Un parallèle s’impose avec le concept de syndrome de la femme blanche disparue (Missing White Women Syndrom), dont nous avons récemment eu un exemple aux États-Unis avec l’affaire Gaby Petito, cette jeune influenceuse américaine disparue dont nous avons abondamment entendu parler. Ce syndrome prend acte de l’abondante couverture médiatique des disparitions de femmes ou de jeunes blanches de classe moyenne/supérieure, par opposition à la couverture famélique des disparitions des femmes racisées ou autochtones. Lorsque les disparations de ces dernières captent l’attention médiatique, la nouvelle se concentre sur les problèmes de la femme racisée ou autochtone disparue.

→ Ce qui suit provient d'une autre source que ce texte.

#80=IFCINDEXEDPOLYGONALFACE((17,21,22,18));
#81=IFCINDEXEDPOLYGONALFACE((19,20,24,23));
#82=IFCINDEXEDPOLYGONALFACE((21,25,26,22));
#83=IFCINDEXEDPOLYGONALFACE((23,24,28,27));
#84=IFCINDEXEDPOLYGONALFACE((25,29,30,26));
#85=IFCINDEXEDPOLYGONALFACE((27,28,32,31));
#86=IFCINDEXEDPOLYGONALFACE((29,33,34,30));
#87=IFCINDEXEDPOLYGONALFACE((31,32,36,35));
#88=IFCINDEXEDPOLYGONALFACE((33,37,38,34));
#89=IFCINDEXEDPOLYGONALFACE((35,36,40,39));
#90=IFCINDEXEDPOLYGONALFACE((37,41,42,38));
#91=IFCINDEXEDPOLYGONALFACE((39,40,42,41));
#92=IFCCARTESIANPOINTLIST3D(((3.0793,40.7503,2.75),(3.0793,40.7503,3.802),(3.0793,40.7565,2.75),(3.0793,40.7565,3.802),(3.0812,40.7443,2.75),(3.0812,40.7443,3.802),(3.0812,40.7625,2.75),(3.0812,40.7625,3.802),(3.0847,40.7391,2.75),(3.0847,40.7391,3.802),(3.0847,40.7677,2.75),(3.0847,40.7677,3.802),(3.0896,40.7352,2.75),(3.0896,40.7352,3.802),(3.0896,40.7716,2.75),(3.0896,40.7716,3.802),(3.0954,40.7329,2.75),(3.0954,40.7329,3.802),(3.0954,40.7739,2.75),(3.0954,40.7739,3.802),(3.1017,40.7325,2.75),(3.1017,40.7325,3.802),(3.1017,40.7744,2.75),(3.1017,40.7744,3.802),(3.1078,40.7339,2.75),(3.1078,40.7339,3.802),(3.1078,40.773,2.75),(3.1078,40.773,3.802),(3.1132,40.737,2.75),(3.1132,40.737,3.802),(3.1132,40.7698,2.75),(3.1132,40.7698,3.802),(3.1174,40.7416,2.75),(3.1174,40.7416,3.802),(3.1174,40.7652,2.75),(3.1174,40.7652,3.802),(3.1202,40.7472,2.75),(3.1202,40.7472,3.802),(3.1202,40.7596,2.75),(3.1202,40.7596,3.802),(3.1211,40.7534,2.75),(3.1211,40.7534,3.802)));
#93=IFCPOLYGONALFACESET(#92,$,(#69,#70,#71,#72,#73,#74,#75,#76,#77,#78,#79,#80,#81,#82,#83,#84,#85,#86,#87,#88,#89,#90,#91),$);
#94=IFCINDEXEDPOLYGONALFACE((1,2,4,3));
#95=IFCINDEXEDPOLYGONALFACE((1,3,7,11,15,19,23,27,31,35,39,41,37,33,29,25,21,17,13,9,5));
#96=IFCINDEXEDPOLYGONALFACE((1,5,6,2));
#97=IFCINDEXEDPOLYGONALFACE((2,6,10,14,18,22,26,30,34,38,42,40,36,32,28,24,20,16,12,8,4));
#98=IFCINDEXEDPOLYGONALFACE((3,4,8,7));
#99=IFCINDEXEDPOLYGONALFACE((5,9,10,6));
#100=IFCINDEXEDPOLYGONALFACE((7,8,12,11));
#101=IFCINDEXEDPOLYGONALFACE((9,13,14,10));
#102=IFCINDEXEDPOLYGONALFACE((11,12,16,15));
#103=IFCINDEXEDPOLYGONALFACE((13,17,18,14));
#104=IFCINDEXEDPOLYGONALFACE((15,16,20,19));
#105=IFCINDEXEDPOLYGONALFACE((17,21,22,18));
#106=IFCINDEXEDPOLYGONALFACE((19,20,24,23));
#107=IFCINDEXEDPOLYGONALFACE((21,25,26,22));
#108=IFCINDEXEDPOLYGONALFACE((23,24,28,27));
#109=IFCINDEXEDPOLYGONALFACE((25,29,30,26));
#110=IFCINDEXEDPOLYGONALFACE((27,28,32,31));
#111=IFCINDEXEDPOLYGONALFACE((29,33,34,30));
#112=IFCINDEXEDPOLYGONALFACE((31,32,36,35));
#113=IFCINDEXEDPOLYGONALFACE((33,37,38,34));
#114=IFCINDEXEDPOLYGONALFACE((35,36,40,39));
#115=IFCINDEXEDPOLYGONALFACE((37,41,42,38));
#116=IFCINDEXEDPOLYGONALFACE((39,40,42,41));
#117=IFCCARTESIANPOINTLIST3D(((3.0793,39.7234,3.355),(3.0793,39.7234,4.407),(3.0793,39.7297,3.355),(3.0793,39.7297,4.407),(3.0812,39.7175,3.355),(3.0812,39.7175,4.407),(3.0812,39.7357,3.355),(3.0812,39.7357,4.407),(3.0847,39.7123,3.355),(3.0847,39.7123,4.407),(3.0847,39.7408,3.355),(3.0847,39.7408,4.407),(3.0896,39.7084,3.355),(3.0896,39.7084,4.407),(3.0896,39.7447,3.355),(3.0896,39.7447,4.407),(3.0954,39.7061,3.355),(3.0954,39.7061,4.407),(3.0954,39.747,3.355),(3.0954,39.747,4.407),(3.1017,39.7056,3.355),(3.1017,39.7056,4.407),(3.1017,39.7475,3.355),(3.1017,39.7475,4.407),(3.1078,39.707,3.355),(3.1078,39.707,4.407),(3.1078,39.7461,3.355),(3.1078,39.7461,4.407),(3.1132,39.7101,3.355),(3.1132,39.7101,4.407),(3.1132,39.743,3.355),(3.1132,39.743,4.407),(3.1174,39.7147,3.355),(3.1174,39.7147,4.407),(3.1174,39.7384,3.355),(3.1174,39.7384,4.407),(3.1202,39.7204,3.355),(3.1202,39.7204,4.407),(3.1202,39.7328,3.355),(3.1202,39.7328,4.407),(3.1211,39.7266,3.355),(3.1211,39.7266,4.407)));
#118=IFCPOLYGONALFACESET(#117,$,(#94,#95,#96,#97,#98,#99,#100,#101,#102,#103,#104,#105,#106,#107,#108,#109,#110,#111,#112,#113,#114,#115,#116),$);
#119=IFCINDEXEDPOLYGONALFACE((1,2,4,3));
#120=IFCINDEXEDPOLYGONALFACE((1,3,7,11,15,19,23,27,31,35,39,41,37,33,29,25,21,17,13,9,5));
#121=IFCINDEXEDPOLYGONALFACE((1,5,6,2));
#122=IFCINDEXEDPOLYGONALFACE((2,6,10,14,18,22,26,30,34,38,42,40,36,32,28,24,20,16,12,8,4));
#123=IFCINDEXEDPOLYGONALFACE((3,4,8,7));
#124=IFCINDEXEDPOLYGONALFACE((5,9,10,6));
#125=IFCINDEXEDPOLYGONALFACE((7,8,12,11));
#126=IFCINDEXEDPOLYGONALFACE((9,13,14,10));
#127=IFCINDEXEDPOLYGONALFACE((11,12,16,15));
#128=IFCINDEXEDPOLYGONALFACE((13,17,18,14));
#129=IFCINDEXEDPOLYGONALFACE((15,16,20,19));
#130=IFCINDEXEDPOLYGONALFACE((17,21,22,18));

Or, le 13 novembre, Elisapie Pootoogook, une autochtone sans-abri de 61 ans, originaire de Salluit, a été retrouvée morte sur un chantier de construction proche du Square Cabot. Encore une fois, cette mort n’a pas fait de battage médiatique comme celle du jeune Trudel. Tout comme Raphael André, itinérant Innu décédé dans des circonstances similaires en janvier 2021, elle avait peur des forces de l’ordre, ce qui l’a amené à prendre le risque de se cacher. Elle aussi est morte gelée. Une coïncidence ou les conséquences d’un racisme systémique?
Par sa teneur, ses contenus et ses choix éditoriaux, la couverture médiatique tend à confirmer une hiérarchie raciale qui est inscrite dans l’inconscient collectif, hiérarchie que perpétue le racisme systémique. Comment se fait-il que Jannai et Elisapie soient effacés de l’histoire? Comment décidons-nous, comme société, des événements, des vies et des morts tragiques à inclure et de ceux à exclure de notre trame narrative sociale, de notre histoire? Qui se souviendra d’Elisapie et de Jannai, si les archives contemporaines que sont les médias négligent leur histoire?
Au-delà des campagnes médiatiques de sensibilisation, il faut reconnaître la mort d’Elisapie et de Jannai qui, eux aussi, sont des Québécois.es de plein droit. Au-delà du devoir de mémoire, comme le disait Jean Cocteau : « Il n’y a pas d’amour, il n’y a que des preuves d’amour. »
Tamara Thermitus, avocate émérite, a négocié les termes de la Commission vérité et réconciliation du Canada.